Честное широкое лицо Фернана попыталось сложиться в лукавую ухмылку.
— Хо-хо, — сказал он, — чтоб ты тоже воду оттуда брал? Если выйти на Пре-Каталан, то по правую руку…
Утром не вышли на смену рабочие сахарного и консервного заводов; через час встал пивоваренный. Опустевшую к ночи площадь Серф утром снова заполнили люди; сюда стекались безработные со всего города. Крыши сначала не видно было в густом тумане. Не слышен был стук кирки и другой шум работы. Подъезды двух соседних домов охранялись, подняться наверх нельзя было, а с отдаленных крыш различить удавалось не больше, чем снизу, с площади. К восьми утра холод чуть-чуть отступил, вскоре начал редеть и туман. На площади вновь появились пожарники. От ночного веселья к утру не осталось и следа, люди топтались в снегу угрюмые, сникшие. Мороз достиг ночью двенадцати градусов. Костер на крыше, рассказывали очевидцы, погас к полуночи, но к четырем утра опять вспыхнул и горел часа два. Профсоюз древообделочников и строителей ночью оставил на площади наблюдателей, из-за мороза сменяемых каждые два часа; один наблюдатель стал было кричать рабочим на крыше, но полицейские пригрозили арестовать его за нарушение тишины, и узнать, как дела наверху, так и не удалось. В десять утра забастовали пятьсот рабочих Нефшательской суконной фабрики, самого крупного предприятия в городе. Из известковых карьеров, находящихся в часе пути от Г., прибыла в муниципалитет делегация, и, потратив час на переговоры, отправилась назад.

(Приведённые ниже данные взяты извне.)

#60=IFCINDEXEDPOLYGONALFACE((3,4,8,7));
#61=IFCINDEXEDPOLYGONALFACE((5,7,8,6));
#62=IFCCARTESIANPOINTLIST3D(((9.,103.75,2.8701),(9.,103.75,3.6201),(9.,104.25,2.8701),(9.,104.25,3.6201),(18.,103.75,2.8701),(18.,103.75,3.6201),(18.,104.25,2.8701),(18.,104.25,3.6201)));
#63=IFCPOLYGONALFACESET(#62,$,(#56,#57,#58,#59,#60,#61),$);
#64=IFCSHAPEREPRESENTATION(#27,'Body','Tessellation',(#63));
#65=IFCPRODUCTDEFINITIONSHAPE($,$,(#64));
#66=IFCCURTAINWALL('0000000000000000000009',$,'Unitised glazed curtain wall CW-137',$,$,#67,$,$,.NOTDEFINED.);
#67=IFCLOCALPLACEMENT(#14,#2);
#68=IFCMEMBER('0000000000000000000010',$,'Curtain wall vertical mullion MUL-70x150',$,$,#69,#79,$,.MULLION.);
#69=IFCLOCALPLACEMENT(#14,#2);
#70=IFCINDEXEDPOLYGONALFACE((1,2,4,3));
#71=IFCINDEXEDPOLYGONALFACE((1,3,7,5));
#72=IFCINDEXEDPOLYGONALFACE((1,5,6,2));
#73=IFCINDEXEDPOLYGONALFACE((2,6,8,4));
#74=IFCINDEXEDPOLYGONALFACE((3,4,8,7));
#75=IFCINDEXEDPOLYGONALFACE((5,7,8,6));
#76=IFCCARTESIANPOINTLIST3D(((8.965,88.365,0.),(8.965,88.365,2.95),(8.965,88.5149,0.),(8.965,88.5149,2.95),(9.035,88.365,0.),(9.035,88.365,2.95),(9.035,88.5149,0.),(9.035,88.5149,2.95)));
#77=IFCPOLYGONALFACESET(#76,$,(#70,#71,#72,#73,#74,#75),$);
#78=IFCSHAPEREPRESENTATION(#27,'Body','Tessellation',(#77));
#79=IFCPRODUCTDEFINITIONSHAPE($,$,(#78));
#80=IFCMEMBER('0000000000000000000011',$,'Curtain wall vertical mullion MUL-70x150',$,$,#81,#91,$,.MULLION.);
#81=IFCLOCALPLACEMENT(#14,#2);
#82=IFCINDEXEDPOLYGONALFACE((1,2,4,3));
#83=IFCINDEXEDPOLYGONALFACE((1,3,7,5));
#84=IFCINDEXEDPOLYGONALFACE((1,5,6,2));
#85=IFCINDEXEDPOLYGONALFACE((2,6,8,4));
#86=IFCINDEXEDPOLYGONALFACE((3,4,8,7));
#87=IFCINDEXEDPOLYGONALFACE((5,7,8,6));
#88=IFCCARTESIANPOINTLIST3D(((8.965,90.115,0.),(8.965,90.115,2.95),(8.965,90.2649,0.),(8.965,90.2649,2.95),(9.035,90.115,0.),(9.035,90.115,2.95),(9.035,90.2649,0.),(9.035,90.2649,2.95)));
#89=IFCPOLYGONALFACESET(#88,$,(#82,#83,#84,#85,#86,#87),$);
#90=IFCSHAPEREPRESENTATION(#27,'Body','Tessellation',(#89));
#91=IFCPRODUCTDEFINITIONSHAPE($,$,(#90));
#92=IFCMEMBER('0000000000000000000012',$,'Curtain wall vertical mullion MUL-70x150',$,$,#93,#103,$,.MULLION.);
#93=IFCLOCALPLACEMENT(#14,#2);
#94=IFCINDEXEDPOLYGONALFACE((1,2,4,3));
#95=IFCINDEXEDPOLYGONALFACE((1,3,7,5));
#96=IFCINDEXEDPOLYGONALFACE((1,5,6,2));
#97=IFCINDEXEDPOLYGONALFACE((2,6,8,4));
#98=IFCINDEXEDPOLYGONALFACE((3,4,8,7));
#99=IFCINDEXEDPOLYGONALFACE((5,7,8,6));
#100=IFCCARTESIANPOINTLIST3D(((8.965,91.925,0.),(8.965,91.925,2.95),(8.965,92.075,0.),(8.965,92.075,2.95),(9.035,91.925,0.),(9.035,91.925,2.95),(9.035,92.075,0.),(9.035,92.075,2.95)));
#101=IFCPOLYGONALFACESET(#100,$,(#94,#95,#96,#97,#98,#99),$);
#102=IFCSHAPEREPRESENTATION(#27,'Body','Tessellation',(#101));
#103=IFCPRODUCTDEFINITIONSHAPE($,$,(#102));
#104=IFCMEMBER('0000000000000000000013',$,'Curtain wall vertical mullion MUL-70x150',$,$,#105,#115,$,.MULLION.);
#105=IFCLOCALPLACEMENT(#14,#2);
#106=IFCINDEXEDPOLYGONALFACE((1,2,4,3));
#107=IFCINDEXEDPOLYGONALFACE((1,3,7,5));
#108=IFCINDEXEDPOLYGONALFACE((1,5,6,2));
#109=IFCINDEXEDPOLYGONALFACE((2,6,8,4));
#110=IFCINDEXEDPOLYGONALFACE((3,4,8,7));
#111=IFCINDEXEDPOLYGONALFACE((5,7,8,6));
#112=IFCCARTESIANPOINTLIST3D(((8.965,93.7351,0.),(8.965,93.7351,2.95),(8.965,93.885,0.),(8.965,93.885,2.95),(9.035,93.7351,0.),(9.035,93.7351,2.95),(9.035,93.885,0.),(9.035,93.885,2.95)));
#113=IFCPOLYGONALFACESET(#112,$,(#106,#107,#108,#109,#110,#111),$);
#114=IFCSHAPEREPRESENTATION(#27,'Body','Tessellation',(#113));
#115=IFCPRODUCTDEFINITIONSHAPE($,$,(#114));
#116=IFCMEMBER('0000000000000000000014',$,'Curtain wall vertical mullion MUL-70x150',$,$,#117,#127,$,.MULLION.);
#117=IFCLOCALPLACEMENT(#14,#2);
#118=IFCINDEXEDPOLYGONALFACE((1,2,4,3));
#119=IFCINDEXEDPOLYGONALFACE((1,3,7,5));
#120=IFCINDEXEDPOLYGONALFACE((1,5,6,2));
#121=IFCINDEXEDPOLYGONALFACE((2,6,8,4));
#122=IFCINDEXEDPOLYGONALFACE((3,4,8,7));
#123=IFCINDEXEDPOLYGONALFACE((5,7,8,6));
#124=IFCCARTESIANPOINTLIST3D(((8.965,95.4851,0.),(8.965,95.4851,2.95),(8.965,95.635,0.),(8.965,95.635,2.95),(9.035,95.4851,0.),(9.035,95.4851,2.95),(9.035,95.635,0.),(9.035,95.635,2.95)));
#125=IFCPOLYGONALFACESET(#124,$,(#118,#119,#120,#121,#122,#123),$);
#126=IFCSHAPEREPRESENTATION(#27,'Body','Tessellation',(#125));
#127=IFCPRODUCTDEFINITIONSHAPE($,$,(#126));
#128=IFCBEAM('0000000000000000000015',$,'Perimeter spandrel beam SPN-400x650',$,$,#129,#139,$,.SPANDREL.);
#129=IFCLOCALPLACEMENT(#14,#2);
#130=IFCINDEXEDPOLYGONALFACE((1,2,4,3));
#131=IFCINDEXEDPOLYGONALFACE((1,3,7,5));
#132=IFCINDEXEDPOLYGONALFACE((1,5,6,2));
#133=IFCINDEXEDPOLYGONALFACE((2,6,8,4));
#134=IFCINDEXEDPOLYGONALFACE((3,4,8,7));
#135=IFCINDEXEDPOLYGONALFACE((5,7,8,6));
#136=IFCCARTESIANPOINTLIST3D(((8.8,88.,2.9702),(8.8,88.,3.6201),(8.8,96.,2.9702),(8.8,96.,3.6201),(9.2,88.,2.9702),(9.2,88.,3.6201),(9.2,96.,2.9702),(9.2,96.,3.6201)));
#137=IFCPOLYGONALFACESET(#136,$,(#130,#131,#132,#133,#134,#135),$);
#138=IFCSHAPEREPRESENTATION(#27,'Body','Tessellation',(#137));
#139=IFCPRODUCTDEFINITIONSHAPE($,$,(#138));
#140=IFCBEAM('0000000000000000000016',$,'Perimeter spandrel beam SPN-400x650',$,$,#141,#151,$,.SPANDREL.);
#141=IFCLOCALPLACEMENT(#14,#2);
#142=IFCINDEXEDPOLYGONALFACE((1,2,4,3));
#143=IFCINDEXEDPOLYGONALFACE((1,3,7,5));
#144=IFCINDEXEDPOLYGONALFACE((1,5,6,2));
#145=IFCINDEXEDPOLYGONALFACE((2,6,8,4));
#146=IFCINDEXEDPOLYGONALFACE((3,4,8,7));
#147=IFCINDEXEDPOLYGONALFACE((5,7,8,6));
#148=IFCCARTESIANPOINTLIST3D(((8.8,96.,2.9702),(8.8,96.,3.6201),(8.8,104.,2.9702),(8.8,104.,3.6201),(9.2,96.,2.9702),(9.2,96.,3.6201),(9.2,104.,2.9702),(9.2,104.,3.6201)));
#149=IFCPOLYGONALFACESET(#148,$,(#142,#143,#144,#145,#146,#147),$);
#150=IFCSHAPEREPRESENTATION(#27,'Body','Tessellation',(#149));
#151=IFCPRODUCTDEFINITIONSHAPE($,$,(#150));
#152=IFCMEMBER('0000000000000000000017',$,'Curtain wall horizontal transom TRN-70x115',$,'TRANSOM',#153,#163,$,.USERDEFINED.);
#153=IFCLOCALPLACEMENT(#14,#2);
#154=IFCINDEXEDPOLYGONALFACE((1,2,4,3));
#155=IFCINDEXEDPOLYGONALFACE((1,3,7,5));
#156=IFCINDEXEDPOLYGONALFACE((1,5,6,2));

В одиннадцать на площади Серф появились полицмейстер и мэр Граубюндель. Было пасмурно. Небо в серых, холодных тучах с каждым часом все ниже опускалось над городом; туман, что недавно еще начал было рассеиваться, сгустился опять; день стоял тусклый, промозглый, безрадостный. На крыше были видны только балки да кучка не сожженного за ночь гонта; рабочие разбирали уже чердачные стены. Жильцов с пятого этажа пришлось выселить. Возле подъезда, в снегу, стояли две кровати, шкаф, стол.
— А с нами-то, господин Граубюндель, что будет? — спросила старушка с выбившимися из-под шерстяного платка седыми прядями, когда мэр, покачав головой, остановился перед пожитками. Старушка, мать выселенного рабочего-текстильщика, сидела, закутанная, на столе и с неунывающим видом качала ногами. — Уж другую квартиру-то мы, конечно, получим, — продолжала она, — мы насчет этого не сомневаемся, господин Граубюндель. Да вот только когда? Долго мне еще тут сидеть, на столе?